У Манюни в арсенале множество стратегически выработанных способов выклянчивания и выбивания нужных ей льгот и преимуществ, подарков и отступных. Не церемонится она только с матерью. Здесь ее главное оружие грубость и ультразвук. "Что??? - кричит она, повторяя интонации любимых мексиканских героинь, преимущественно отрицательных. - Я не ослышалась??? Ты сказала, что не поведешь меня в "Макдональдс"??? И я это слышу от тебя??? От собственной мамы???" Если на мать такое театрализованное действо не производит впечатления, маленькая психопатка начинает плакать. Начинает тихонько, как все нормальные дети ее возраста. Но постепенно голос ее становится громче и громче, превращаясь в вопль, затем перерастает в ультразвук. Манюня ложится на пол и начинает биться в истерике, и из глаз ее льются, как это ни странно, настоящие слезы, хотя весь этот спектакль срежиссирован ею же самой. Клянусь вам всеми своими родными, выдержать Манюниного ультразвука не способно ни одно человеческое ухо. Даже не человеческое. И бедная мать соглашается на все, лишь бы дитя заткнулось. В единый миг успокоенный ребенок, одержав очередную победу, стряпает смиренное личико и убирается восвояси. Если бы я была матерью такого ребенка, я бы живого места не оставила бы на ее противной заднице. Или отправила бы ее зарабатывать деньги: пусть работает сиреной в пожарной команде.
Манюня, несмотря на свой крутой недетский нрав, в отличие от других жильцов, меня вроде как любит. Она часто меня угощает сладеньким, бывают и в ее душе нежные порывы. Она прячет крошечный кусочек торта или кусочек шоколада за банками на кухонном столе, чтобы остальные не видели жеста ее доброй воли, ласково, да так, что мороз пробегает по коже, смотрит мне в глаза и говорит тихонько: "Угощайся, это тебе". Иногда я нахожу там же пару орешков, вкусное рассыпчатое курабье, и меня мучают сомнения, что у крошки-монстра на уме.

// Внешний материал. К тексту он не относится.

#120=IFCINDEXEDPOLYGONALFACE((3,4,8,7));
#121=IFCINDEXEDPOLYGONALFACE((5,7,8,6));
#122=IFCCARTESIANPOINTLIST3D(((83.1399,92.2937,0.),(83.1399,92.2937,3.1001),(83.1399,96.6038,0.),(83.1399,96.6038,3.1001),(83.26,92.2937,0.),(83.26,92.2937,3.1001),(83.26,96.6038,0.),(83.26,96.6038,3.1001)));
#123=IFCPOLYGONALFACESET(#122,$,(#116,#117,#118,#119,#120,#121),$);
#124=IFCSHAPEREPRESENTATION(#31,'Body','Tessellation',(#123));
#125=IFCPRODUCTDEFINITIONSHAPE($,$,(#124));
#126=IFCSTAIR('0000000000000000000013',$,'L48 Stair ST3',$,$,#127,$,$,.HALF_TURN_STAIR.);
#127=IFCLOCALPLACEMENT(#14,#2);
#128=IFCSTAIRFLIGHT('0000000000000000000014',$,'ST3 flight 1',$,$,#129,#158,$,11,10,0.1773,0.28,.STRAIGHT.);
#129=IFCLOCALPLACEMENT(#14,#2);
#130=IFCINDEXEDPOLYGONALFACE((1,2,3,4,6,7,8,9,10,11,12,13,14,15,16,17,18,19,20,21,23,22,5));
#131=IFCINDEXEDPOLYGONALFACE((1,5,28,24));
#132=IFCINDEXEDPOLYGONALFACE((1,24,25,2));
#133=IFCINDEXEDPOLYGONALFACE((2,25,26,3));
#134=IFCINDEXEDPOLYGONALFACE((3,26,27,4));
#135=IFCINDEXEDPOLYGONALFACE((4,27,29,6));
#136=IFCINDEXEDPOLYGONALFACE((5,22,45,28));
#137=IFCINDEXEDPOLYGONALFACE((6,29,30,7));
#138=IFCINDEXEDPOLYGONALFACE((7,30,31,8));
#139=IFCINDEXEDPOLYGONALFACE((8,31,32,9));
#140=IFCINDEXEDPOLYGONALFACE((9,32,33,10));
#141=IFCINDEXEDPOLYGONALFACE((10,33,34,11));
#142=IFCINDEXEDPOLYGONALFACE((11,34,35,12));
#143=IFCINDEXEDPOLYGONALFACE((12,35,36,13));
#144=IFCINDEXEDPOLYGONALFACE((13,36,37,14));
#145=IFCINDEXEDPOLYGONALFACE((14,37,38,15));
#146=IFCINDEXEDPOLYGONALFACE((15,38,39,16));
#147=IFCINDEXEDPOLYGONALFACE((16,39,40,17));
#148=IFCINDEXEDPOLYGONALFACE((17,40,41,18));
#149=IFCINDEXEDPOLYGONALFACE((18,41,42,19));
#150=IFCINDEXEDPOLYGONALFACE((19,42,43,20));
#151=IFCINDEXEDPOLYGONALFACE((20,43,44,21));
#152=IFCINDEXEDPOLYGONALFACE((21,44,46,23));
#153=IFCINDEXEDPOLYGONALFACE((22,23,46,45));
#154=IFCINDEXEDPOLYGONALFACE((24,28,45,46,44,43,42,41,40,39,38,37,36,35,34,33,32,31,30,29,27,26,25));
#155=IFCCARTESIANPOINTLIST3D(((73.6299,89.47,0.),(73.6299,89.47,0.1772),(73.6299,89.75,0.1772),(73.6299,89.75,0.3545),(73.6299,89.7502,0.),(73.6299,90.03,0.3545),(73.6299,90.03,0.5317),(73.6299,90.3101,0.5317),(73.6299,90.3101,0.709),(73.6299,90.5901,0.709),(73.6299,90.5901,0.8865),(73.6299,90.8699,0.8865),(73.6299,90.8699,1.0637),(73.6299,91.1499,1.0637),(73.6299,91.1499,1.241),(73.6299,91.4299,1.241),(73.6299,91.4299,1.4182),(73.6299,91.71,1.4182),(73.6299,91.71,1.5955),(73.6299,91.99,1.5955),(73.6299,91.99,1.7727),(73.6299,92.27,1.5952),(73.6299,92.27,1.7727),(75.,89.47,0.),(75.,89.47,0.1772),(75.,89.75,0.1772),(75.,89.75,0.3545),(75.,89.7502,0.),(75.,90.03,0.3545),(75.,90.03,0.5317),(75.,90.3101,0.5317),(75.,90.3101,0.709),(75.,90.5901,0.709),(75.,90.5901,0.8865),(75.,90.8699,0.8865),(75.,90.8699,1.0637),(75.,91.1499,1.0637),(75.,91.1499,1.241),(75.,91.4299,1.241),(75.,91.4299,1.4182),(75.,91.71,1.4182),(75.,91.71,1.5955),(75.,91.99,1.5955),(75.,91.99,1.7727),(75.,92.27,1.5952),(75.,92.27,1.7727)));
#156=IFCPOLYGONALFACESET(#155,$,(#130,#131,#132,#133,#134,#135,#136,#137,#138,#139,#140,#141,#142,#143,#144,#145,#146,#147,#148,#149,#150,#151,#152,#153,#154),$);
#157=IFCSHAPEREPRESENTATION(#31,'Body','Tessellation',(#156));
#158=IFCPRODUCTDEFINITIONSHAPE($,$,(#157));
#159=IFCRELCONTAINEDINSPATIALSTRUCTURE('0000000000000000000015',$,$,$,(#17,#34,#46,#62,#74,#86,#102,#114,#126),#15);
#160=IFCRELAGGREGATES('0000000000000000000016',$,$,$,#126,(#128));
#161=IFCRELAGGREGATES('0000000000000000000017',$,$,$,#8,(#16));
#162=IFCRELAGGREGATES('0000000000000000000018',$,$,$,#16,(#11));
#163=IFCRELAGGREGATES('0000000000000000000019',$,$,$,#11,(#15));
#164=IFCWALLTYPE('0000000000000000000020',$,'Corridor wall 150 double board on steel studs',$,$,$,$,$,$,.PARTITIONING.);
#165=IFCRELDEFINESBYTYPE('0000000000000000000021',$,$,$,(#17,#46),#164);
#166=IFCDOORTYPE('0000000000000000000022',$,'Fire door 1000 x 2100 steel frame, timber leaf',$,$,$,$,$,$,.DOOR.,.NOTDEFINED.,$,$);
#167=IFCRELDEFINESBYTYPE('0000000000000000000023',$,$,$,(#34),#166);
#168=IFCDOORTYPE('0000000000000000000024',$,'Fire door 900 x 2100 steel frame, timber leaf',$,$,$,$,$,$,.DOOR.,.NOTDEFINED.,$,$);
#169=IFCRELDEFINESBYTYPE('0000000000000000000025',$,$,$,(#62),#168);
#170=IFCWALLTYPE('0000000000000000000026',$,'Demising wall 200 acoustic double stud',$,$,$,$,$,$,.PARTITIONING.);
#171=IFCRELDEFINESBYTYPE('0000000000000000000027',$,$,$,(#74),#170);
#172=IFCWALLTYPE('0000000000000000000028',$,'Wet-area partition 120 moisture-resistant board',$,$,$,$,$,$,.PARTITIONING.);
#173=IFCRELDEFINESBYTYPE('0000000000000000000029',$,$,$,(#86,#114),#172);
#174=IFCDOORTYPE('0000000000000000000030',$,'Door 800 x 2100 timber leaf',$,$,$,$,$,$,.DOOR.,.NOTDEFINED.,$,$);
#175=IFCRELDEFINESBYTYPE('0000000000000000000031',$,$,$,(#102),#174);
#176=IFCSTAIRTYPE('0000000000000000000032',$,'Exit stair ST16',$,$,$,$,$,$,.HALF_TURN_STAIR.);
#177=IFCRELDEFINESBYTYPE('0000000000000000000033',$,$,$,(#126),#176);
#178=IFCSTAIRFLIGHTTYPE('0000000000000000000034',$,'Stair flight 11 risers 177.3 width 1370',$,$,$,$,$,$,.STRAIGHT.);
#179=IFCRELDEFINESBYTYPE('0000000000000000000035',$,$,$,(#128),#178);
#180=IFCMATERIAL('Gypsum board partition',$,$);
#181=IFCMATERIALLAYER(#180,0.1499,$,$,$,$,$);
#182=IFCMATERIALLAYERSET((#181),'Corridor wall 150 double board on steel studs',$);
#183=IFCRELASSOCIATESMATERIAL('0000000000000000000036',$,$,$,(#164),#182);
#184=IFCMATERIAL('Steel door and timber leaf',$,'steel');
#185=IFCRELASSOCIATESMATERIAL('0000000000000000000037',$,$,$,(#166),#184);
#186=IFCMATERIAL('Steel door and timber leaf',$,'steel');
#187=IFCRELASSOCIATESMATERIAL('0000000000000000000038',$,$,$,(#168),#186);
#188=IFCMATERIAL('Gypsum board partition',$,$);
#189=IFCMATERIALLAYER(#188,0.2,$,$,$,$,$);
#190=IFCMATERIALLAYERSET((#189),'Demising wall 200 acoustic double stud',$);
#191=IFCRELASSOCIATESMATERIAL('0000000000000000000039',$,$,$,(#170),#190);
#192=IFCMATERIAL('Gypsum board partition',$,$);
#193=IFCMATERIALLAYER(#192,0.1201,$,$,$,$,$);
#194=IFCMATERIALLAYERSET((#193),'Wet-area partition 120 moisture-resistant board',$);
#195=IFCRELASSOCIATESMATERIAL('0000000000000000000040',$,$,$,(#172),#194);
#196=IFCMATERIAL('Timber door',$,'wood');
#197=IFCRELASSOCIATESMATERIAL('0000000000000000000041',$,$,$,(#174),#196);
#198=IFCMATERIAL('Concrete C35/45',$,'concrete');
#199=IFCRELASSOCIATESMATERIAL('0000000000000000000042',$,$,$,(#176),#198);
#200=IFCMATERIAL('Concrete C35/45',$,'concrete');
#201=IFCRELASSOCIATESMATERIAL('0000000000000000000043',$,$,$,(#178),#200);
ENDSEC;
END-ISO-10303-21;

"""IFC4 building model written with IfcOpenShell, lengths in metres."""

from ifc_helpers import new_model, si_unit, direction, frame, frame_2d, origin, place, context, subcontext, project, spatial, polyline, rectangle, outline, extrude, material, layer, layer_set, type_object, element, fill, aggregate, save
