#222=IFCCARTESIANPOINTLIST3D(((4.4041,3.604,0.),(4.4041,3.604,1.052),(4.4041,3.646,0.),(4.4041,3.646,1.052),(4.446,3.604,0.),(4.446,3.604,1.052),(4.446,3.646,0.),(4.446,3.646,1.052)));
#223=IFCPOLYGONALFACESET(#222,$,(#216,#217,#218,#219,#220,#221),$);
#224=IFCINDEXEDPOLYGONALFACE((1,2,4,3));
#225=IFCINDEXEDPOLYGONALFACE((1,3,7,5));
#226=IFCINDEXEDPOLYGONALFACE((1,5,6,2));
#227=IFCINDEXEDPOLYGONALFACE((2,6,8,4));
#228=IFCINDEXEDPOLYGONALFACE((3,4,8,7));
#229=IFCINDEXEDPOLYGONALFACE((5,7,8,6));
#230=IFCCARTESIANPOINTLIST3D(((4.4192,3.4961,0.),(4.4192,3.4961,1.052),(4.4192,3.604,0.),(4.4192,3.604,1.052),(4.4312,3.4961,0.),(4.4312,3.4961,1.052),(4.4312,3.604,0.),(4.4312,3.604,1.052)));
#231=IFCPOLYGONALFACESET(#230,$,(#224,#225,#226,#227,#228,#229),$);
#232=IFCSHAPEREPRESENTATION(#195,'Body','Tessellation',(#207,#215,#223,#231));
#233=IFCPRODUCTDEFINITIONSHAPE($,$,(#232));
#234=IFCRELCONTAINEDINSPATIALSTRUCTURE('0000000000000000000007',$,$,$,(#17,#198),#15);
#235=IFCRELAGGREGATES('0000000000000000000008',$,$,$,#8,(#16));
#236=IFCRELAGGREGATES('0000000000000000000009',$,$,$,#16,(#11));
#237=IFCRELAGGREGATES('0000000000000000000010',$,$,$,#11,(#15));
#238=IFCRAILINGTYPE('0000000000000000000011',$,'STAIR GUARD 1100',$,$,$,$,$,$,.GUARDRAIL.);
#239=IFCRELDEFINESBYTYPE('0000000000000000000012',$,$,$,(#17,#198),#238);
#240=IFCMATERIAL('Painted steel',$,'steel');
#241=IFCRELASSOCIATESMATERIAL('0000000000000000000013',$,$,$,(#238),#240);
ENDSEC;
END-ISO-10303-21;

Все остальное время, пока дочь ее не донимает истериками, Ирка, мать Манюни и Ванька, ворчит и точит мужа, который на кухне появляется очень редко, лично я его видела один лишь раз. Она точит его очно и заочно, когда того нет рядом и даже когда рядом вообще никого нет. Она постоянно бурчит, бубнит и жужжит, как жужелица, ноет и зудит, как противная надоедливая осенняя муха. Ирка напоминает мне усталых отчаявшихся женщин художника Пикассо с опущенными плечами и забитыми глазами, из которых уходит жизнь. Вот и сейчас Ирка грязно выругалась и толкнула с ненавистью дверь холодильника; он обиженно заурчал, подрагивая всем своим угловатым холодно-белым телом. "Обижайся, не обижайся, - завела Ирка свою бесконечную песню, - но если в твоем бесполезном нутре от голода повесилась последняя мышь, то какой толк от этого филиала Антарктиды в отдельно взятой кухне. Я не мечтаю о деликатесах, я толком и не знаю, что это такое. Ешь ананасы, рябчиков жуй - это не про меня. Но какая никакая колбаса, вилок капусты с обвислыми безжизненными листьями, хотя бы пара жалких яиц, консервы там какие-нибудь, килька, скажем, в томатном соусе должны быть во всяком уважающем себя холодильнике. А в нашем "Стиноле" только перегоревшая лампочка да трехлитровая банка с рассолом от маринованных огурцов. Правда, в морозилке завалялась под трехсантиметровым слоем морозной крошки одинокая дистрофическая сосиска. Ее я сейчас и съем. Пустой желудок не выдерживает атаки активно выделяющейся слюны, ноет и бурчит, как проснувшийся вулкан. Сосиска ледникового периода вряд ли спасет меня от голода, но должна же я подкрепиться после тяжелого трудового дня, отбарабанив шесть уроков в средней школе и посеяв в головы моих учеников семена разумного, доброго, вечного. Расцветут ли они цветистым цветом в этих головах или останутся лежать мертвым грузом, - это, конечно, вопрос. Вопрос времени. И моего профессионализма. Говорят, что в наши дни быть учителем непочетно и стыдно. Это неправда. И почетно, и не стыдно. Даже интересно и можно получать удовольствие от работы, если только не вспоминать о зарплате. Вернее, о ее размерах..."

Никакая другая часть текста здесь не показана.